Originally, the Taliban focused on attacking corrupt warlords and child molesters.
Within months, the Taliban grew to 15,000 when students from a Pakistani Islamic seminary school joined the movement. With these new recruits came Pakistani financial and military support.
The Taliban movement aimed to establish a divinely ordered Islamic system in Afghanistan based on Sharia Law.
Some of the fighters we helped fund/train in the 80s would indeed go on to join the Taliban, but to claim the US “invented” the Taliban is like saying Gary Vaynerchuk invented Blue Origin because in 2011 he invested in Amazon.
Finally, an interesting result of socialists trying to absolve themselves of responsibility by overestimating USG power is they’re effectively admitting they don’t think much of people power.
Ironic coming from people who shout “Power to the People!”
Clearly, the USG isn’t as all-powerful as socialists make it out to be. We spent trillions of dollars over a 20 year period and we couldn’t even keep out the Taliban!
Spending a few billion in Pakistan over an 8-year window clearly wouldn’t have “wiped out the socialist government,” especially if it was actually “taking care of its people.”
I have much more faith in the power of people than socialists.
Both in our ability to create a great situation or a sh*tty one.
As Joseph de Maistre said, “Every people gets the government it deserves.”
I think Joseph’s being a tad dramatic, but if you look at the political views of the average Afghani, the Taliban government is in greater alignment with them than the American government.
It is what it is.
It’s not America’s fault that Afghanis believe in Sharia law.
If I put every country’s population in a basket and every country’s government in another basket and then told you the political views of each population and the political policies of each government then I bet you could match the government to the population pretty close to how they are.

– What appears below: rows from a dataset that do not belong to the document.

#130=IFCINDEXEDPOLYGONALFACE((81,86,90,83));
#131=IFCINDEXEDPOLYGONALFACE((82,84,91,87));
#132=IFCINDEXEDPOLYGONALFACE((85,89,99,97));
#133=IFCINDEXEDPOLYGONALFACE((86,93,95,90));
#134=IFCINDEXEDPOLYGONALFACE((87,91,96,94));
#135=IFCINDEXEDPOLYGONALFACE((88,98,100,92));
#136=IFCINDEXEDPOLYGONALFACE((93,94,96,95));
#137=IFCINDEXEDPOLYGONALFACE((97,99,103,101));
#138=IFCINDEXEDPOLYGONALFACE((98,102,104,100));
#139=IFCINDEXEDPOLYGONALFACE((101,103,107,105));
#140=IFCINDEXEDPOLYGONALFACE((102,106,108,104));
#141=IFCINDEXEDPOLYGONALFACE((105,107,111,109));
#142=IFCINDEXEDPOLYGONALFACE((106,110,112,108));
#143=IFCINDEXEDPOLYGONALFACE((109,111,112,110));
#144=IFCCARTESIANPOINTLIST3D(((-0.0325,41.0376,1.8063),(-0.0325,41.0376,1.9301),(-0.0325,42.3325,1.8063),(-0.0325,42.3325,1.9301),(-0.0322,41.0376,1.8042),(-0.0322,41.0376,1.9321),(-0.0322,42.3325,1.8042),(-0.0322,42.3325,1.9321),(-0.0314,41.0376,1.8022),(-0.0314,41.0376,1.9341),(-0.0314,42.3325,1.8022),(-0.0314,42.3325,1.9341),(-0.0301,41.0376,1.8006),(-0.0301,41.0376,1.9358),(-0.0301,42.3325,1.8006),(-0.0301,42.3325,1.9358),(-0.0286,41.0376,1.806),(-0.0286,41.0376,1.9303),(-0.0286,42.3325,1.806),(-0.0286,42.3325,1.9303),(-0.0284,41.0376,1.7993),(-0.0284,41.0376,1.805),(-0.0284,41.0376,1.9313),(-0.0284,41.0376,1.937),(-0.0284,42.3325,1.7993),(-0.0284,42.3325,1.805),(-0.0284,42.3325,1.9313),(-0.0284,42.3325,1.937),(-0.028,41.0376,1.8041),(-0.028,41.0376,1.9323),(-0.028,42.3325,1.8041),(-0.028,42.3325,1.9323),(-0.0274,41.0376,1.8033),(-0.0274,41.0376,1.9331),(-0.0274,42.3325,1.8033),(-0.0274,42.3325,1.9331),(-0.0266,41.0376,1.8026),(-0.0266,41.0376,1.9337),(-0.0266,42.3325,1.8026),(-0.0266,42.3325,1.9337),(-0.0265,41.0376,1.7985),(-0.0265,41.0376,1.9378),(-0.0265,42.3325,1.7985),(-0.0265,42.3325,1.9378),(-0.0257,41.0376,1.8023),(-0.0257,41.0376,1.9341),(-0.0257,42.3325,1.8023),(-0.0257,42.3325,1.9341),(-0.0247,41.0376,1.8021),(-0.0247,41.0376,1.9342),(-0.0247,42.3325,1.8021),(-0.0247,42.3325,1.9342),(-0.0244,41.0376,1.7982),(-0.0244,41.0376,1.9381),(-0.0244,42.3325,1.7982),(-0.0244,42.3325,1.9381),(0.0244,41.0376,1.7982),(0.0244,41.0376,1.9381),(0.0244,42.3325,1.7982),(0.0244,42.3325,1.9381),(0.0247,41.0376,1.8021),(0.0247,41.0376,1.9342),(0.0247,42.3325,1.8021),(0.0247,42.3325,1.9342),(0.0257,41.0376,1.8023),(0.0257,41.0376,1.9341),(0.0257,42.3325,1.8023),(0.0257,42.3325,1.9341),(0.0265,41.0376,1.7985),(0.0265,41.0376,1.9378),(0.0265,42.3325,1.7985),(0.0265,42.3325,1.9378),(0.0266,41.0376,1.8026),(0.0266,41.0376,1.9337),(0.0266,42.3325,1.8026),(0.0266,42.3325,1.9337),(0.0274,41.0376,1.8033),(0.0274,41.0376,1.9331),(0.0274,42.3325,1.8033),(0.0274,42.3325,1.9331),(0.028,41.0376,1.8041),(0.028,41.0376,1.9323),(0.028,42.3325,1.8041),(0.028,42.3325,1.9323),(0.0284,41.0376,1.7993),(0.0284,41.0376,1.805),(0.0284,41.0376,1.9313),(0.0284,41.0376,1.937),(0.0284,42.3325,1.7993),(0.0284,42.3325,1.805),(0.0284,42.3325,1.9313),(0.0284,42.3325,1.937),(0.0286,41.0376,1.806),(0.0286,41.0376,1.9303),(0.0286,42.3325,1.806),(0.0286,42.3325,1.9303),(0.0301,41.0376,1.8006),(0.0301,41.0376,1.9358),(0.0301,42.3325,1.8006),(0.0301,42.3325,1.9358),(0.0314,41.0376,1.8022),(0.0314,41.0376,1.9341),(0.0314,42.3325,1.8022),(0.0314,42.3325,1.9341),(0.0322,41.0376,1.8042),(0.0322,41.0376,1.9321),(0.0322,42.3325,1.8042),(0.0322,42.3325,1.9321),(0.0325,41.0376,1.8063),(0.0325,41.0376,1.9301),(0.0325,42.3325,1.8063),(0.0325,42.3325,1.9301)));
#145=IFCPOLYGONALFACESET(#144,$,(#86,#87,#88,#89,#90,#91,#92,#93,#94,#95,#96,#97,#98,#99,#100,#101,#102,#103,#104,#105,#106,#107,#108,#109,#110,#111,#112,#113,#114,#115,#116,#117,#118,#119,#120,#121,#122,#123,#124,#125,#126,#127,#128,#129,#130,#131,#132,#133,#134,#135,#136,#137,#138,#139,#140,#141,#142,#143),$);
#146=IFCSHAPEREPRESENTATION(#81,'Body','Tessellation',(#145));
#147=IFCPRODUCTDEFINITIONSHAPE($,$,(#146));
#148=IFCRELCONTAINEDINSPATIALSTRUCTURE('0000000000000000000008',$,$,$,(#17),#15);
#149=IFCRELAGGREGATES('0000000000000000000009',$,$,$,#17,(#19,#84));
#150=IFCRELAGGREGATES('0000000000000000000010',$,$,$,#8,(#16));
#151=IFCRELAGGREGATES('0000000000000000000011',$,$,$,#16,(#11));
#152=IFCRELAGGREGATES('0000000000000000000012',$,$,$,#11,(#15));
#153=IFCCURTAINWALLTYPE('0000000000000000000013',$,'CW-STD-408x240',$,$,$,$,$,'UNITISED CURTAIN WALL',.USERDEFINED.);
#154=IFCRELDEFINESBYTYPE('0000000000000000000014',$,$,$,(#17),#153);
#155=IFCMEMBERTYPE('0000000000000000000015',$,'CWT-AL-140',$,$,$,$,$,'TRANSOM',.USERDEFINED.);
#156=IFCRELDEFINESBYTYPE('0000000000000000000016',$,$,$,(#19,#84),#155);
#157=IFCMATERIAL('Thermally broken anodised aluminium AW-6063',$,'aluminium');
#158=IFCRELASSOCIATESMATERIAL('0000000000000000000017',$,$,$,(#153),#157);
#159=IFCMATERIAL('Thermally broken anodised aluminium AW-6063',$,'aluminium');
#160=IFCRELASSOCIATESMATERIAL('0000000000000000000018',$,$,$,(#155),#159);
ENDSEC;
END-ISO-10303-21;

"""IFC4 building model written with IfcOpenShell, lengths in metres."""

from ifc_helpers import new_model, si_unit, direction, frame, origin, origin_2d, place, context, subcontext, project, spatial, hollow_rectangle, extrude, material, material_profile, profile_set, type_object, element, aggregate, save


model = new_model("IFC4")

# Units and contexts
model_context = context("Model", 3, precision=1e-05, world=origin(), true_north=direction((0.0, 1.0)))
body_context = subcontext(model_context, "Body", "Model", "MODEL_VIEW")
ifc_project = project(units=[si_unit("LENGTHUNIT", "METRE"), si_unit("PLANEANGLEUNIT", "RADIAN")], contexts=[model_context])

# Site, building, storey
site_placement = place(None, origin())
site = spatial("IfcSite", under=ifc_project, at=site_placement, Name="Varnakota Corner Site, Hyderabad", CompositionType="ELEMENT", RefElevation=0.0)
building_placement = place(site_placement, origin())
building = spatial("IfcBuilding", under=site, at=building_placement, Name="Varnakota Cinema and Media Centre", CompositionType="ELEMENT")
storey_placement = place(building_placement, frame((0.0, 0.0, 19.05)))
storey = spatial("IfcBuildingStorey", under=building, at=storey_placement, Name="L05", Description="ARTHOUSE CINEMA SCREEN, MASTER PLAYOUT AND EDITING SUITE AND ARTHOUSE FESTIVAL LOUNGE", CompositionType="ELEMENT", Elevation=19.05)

What Dore doesn’t seem to understand is that Afghanistan is the way it is not because the US succeeded, but because we failed. You see, where leftists overestimate the power of the state, Americans overestimate people’s desire for liberty. Not everyone is educated in liberty, and for those of us that are, we may find ourselves someday reaching over a wall because there are too many Dores.